Utilisation basique, je dirais aussi d'emblée iPad mini.

Mais cette réponse est à moduler en fonction du fait que tu l'utiliseras aussi en mobilité pou pas. S'il s'ait d'une utilisation nomade principalement, le ipad 2 et le mini sont en cncurrence à mon avis.


----------



## vmax120076 (8 Juin 2013)

salut,il y a 15 jours que j'ai acheter un ipad mini 32go et il est très bien.le vendeur m'a conseillé un 32go car le 16go est un peu juste dès que l'on met de la musique et de la vidéo


----------



## panany (8 Juin 2013)

moi je serai plutot tenter pour un ipas de taille normale...
l ipad 2 a l air plutot bon marché... 

quelqu un aurait des details sur la durée de la batterie?


----------



## Lilou#918 (10 Juin 2013)

Je possède un iPad 4 et l'autonomie (jeux et internet majoritairement) est de 15h pour les premiers mois. Après 6 mois d'utilisation je tourne autour de 13/14h d'autonomie. Je n'ai eu que ce modèle donc je peux pas trop comparer mais je trouve que l'autonomie du 4 est vraiment top. 

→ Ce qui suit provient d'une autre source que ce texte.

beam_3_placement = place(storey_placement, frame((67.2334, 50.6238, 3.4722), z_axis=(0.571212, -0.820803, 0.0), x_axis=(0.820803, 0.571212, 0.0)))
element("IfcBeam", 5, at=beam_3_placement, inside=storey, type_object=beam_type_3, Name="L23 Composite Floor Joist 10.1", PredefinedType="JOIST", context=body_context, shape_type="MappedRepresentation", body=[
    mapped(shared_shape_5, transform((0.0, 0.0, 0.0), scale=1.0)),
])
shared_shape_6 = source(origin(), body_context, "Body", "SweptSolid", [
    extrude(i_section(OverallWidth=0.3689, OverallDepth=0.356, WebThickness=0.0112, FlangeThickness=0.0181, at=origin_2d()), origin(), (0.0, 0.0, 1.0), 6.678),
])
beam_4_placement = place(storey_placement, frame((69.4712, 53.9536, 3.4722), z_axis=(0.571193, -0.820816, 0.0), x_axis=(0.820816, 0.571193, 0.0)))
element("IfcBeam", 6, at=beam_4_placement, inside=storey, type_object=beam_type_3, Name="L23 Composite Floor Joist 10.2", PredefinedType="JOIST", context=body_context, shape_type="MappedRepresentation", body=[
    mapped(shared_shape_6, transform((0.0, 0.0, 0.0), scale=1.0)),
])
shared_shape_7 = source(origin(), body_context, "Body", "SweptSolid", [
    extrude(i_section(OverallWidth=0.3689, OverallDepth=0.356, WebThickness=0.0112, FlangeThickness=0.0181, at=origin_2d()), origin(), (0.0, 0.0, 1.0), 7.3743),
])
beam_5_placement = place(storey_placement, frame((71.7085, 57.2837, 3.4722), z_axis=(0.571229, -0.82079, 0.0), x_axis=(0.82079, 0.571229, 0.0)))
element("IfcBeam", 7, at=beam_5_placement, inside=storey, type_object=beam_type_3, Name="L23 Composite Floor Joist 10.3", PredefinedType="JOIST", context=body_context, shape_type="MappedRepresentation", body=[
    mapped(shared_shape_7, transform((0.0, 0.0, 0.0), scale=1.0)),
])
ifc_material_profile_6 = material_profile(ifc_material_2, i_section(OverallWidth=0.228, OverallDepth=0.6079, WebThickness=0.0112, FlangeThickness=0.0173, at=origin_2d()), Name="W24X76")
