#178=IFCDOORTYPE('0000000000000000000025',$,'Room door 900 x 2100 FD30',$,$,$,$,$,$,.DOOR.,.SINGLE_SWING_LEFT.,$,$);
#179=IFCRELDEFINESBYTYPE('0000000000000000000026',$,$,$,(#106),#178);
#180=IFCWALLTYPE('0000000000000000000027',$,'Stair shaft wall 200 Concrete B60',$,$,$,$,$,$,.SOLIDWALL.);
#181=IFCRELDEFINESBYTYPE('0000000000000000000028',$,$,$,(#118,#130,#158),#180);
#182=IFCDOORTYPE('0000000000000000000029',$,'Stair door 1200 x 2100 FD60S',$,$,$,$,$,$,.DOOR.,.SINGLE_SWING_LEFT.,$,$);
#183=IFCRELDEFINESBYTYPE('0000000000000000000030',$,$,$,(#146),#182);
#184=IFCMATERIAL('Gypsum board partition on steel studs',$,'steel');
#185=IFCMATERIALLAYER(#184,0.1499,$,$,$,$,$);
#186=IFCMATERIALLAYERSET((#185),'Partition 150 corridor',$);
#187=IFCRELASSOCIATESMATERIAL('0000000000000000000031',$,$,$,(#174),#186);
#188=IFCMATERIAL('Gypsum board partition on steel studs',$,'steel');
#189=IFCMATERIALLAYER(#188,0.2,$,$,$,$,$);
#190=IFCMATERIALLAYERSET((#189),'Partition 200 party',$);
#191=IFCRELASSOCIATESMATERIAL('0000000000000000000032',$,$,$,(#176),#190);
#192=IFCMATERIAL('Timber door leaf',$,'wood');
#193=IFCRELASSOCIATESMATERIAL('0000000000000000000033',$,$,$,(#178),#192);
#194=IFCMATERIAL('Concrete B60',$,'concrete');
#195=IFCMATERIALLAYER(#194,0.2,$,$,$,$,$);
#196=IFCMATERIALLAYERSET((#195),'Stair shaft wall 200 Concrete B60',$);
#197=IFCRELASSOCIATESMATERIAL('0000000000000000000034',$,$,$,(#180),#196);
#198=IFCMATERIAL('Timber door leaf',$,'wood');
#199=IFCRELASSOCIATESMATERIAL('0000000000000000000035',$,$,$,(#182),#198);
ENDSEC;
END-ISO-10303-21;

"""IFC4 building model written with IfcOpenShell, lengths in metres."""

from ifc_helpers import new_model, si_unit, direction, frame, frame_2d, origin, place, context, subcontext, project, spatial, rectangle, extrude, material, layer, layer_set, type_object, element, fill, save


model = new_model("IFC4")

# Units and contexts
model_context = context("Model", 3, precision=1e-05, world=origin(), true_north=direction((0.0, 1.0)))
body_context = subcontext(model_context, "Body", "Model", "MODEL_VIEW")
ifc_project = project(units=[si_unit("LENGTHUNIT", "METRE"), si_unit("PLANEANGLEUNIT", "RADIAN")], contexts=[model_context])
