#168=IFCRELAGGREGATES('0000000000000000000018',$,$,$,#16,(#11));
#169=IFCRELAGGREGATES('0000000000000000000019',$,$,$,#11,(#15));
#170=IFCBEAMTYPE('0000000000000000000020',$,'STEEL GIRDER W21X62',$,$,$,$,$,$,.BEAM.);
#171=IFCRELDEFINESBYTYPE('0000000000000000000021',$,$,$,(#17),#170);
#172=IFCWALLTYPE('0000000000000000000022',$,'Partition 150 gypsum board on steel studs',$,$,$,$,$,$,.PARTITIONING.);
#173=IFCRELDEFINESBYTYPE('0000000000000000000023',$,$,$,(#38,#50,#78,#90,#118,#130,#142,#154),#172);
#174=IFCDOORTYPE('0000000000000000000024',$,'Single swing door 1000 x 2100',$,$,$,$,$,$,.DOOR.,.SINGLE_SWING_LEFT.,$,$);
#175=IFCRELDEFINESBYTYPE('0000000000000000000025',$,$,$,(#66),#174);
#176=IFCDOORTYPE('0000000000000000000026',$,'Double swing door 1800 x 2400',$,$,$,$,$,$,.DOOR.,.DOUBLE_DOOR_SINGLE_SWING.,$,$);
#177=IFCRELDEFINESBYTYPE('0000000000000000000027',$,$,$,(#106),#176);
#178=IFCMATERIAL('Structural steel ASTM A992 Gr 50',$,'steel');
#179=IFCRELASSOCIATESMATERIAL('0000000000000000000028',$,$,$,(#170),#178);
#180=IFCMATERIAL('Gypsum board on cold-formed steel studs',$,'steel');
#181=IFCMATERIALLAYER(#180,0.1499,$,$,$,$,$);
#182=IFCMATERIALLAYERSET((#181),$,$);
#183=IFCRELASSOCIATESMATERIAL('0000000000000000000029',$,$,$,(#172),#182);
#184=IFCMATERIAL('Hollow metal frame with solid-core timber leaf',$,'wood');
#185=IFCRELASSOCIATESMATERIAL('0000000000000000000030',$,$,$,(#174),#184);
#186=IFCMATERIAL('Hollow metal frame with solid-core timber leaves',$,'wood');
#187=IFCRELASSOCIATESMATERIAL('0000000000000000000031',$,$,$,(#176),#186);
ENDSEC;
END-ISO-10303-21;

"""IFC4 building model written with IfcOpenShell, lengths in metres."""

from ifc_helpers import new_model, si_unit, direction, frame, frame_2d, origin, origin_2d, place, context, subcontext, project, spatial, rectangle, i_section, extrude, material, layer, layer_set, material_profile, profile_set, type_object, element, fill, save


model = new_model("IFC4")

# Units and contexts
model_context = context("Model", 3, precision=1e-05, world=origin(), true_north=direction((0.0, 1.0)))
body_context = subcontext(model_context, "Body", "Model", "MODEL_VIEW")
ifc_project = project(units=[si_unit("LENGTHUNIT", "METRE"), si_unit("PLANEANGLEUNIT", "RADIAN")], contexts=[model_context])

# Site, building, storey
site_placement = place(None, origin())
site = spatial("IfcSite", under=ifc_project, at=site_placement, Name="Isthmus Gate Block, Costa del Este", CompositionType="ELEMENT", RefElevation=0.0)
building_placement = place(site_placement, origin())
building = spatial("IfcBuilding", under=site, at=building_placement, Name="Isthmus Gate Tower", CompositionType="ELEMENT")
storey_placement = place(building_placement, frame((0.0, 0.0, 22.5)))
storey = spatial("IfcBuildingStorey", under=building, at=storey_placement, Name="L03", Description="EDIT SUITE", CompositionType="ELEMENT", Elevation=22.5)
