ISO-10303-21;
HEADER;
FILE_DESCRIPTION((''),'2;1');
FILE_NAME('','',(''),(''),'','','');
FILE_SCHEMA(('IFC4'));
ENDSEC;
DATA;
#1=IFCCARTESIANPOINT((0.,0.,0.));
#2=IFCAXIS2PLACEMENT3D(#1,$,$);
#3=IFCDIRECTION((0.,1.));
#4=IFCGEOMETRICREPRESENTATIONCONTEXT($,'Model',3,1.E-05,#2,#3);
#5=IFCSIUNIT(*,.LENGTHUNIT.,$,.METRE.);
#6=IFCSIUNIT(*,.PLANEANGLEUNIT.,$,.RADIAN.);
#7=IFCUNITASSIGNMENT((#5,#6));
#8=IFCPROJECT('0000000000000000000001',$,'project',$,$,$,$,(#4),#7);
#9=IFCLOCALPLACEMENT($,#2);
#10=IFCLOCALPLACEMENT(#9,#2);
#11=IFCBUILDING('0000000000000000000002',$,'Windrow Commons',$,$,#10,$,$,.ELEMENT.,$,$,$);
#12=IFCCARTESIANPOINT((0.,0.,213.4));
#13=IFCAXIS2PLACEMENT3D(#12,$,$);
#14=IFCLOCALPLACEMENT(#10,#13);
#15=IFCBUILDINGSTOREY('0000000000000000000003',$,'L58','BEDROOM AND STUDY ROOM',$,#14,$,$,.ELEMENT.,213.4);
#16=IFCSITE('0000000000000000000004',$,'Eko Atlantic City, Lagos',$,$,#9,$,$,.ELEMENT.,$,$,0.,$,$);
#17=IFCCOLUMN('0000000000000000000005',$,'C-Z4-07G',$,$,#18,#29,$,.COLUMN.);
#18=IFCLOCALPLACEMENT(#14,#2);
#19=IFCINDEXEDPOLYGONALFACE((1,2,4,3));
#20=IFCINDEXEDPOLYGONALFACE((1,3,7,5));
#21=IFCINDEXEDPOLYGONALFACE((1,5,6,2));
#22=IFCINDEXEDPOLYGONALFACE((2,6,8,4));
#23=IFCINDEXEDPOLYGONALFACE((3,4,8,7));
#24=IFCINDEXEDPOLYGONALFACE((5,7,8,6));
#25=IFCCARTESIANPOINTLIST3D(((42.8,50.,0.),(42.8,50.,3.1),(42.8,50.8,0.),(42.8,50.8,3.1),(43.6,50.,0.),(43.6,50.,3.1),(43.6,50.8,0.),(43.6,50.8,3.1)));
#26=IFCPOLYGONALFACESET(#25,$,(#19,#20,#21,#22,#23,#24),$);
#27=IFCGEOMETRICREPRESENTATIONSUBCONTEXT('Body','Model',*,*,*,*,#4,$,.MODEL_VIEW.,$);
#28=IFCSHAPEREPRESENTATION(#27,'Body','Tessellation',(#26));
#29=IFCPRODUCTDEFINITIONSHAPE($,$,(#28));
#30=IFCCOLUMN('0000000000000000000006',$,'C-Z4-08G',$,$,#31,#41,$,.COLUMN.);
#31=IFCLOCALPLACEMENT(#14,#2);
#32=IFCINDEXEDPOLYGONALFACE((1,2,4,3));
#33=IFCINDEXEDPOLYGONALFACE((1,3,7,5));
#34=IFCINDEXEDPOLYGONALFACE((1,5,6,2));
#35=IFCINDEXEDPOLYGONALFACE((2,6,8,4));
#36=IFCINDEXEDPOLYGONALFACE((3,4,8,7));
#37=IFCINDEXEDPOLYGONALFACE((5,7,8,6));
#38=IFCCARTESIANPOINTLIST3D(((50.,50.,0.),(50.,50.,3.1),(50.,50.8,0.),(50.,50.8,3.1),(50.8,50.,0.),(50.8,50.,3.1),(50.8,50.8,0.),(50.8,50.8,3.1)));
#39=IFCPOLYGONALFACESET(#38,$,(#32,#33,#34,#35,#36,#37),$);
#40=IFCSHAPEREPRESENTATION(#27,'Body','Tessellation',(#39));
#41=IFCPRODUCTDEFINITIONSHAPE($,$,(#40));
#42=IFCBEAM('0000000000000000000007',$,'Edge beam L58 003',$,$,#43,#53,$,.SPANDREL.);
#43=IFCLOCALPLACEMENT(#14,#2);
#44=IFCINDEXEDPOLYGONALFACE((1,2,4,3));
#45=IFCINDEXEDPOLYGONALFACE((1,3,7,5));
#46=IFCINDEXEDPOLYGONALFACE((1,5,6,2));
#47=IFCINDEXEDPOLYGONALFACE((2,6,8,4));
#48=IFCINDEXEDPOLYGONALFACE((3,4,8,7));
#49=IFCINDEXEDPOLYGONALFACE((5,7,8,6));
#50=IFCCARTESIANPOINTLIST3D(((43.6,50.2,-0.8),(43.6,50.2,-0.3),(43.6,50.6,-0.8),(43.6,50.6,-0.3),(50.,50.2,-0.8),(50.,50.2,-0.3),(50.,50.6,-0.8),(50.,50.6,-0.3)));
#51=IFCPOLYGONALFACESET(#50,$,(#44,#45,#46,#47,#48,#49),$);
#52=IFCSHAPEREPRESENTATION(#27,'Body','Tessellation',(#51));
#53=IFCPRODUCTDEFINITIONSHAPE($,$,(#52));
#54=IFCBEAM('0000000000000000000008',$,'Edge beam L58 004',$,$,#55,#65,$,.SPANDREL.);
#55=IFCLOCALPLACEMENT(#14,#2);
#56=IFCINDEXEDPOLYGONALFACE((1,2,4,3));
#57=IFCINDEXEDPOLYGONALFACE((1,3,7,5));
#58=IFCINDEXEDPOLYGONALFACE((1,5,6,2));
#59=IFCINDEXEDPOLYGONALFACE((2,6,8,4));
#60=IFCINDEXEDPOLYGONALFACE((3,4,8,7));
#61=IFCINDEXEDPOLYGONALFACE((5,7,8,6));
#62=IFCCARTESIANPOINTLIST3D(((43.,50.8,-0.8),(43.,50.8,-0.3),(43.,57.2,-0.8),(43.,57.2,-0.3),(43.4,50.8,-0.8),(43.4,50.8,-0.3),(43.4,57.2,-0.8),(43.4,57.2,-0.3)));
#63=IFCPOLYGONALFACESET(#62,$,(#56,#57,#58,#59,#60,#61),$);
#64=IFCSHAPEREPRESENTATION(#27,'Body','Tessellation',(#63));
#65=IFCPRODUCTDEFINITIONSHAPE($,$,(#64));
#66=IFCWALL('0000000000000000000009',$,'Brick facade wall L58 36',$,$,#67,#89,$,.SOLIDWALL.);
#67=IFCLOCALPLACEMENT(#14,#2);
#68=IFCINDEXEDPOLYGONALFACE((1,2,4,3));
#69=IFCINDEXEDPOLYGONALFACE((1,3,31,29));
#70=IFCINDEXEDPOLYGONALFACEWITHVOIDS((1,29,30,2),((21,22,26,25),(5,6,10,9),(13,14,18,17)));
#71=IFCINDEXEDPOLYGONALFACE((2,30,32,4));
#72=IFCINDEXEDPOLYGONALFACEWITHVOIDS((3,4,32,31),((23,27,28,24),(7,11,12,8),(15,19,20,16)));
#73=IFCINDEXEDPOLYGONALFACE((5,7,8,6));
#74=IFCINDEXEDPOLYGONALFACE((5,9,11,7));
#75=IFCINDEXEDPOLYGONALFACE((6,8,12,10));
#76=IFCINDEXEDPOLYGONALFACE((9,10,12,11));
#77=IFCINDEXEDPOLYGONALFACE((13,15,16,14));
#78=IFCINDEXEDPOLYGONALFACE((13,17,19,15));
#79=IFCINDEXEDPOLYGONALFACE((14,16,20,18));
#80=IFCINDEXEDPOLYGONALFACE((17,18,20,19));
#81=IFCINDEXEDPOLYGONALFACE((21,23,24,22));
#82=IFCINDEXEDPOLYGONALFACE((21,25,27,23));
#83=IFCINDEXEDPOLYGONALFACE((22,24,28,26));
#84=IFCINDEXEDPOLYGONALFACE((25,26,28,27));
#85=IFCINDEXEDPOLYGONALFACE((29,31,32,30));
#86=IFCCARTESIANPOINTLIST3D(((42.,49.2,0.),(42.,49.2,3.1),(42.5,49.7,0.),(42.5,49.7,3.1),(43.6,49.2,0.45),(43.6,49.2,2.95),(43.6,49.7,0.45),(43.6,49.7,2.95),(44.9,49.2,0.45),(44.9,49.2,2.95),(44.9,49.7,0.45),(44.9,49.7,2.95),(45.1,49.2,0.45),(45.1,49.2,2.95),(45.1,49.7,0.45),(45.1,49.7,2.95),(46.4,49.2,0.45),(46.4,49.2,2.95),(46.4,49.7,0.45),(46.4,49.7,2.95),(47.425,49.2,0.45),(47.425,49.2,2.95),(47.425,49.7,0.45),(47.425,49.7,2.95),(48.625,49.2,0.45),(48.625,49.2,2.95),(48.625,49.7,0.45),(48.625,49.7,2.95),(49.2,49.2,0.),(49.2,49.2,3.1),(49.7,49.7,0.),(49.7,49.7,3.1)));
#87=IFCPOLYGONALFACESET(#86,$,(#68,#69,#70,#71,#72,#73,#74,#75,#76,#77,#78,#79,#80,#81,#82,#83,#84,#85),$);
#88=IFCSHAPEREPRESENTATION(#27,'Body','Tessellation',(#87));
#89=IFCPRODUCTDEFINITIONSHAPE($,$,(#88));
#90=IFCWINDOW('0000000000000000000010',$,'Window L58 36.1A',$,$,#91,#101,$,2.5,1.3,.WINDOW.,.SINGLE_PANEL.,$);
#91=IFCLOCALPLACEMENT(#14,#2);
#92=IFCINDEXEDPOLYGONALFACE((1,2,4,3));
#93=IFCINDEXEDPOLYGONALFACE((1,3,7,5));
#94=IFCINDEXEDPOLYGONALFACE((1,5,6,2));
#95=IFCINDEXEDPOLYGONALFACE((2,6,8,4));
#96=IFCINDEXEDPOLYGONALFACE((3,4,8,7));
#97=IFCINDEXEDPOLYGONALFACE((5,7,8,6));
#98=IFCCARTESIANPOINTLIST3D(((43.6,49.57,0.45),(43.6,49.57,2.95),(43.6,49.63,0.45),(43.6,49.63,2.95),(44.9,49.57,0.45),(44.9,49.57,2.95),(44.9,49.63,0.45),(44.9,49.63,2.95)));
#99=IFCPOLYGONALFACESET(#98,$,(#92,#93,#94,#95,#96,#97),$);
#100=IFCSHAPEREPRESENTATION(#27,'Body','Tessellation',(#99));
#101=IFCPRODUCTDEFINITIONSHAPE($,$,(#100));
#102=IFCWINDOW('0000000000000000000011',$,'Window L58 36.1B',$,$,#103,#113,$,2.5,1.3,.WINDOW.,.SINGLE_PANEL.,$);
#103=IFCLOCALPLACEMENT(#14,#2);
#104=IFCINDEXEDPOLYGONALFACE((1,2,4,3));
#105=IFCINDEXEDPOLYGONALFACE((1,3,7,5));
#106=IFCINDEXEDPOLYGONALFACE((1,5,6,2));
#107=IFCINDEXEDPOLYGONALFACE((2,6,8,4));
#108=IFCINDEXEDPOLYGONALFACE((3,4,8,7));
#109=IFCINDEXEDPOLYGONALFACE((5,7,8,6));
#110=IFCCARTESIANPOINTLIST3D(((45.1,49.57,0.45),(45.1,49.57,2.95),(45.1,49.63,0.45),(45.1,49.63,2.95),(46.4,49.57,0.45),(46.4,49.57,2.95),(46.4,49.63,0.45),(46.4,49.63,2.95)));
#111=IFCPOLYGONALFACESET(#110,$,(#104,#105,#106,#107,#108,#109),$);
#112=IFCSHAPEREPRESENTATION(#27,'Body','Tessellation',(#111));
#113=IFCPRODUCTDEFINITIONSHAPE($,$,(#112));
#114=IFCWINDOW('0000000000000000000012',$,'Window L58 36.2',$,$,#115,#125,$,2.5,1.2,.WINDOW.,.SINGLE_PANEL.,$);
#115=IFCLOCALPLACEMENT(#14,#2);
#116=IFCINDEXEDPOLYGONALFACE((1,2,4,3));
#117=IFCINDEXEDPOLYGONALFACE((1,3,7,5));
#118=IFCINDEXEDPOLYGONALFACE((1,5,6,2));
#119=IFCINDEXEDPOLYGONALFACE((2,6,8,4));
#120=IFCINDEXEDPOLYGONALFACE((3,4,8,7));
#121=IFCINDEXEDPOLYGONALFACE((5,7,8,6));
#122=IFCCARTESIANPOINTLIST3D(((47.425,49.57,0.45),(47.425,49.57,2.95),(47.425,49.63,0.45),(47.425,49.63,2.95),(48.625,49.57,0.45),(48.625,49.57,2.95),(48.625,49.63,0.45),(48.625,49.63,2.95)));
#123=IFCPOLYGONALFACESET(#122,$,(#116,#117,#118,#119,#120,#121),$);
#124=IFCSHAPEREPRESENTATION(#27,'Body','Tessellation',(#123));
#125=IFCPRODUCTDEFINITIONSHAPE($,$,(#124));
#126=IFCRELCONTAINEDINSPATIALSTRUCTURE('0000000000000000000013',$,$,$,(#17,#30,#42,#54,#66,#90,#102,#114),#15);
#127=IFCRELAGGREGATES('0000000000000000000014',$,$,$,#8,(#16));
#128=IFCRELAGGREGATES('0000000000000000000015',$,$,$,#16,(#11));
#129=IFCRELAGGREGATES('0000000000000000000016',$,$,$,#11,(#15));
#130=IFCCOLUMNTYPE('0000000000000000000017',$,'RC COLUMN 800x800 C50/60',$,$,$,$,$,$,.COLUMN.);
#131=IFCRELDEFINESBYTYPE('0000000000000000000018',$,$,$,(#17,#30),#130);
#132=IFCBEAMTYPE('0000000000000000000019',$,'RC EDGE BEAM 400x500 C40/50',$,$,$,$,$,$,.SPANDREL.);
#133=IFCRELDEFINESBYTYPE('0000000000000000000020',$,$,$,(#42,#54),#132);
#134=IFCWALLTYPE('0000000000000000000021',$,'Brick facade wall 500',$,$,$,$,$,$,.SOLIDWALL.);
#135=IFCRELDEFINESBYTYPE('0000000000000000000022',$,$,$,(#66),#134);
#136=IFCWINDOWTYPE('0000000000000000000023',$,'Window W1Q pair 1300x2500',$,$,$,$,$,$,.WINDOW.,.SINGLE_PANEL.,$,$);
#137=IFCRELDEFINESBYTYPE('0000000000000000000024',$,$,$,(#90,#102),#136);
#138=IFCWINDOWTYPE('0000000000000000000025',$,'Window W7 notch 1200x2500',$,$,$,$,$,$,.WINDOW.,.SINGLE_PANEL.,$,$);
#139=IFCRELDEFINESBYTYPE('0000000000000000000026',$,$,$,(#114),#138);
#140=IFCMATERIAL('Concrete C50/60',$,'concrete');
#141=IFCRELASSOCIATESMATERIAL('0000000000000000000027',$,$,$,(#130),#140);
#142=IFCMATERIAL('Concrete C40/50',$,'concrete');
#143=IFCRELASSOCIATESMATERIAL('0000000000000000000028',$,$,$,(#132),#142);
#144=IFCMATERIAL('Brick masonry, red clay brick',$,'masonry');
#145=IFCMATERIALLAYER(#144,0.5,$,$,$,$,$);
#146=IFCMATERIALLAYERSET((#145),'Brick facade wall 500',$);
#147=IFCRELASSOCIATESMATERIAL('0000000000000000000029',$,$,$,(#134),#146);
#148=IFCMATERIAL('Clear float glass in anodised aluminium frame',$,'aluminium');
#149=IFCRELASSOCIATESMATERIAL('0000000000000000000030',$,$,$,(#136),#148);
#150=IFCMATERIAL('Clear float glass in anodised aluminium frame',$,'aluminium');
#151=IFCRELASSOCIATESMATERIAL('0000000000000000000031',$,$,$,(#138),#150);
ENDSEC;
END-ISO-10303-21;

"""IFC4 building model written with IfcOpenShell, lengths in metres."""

from ifc_helpers import new_model, si_unit, direction, frame, frame_2d, origin, origin_2d, place, context, subcontext, project, spatial, polyline, rectangle, outline, extrude, material, layer, layer_set, material_profile, profile_set, type_object, element, fill, save


model = new_model("IFC4")

# Units and contexts
model_context = context("Model", 3, precision=1e-05, world=origin(), true_north=direction((0.0, 1.0)))
body_context = subcontext(model_context, "Body", "Model", "MODEL_VIEW")
ifc_project = project(units=[si_unit("LENGTHUNIT", "METRE"), si_unit("PLANEANGLEUNIT", "RADIAN")], contexts=[model_context])

# Site, building, storey
site_placement = place(None, origin())
site = spatial("IfcSite", under=ifc_project, at=site_placement, Name="Eko Atlantic City, Lagos", CompositionType="ELEMENT", RefElevation=0.0)
building_placement = place(site_placement, origin())
building = spatial("IfcBuilding", under=site, at=building_placement, Name="Windrow Commons", CompositionType="ELEMENT")
storey_placement = place(building_placement, frame((0.0, 0.0, 213.4)))
storey = spatial("IfcBuildingStorey", under=building, at=storey_placement, Name="L58", Description="BEDROOM AND STUDY ROOM", CompositionType="ELEMENT", Elevation=213.4)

Ensuite l'écran Retina... top! Un ami à l'iPad 2 et la différence au niveau de l'écran avec le 4 se voit nettement. C'est moins beau, mais c'est suffisant pour une utilisation basique. A toi de voir si tu veux regarder des vidéos dessus.

Sinon, l'iPad 4 est léger et fin, c'est assez agréable quand t'es dans le canapé et que tu le portes à bout de bras.


----------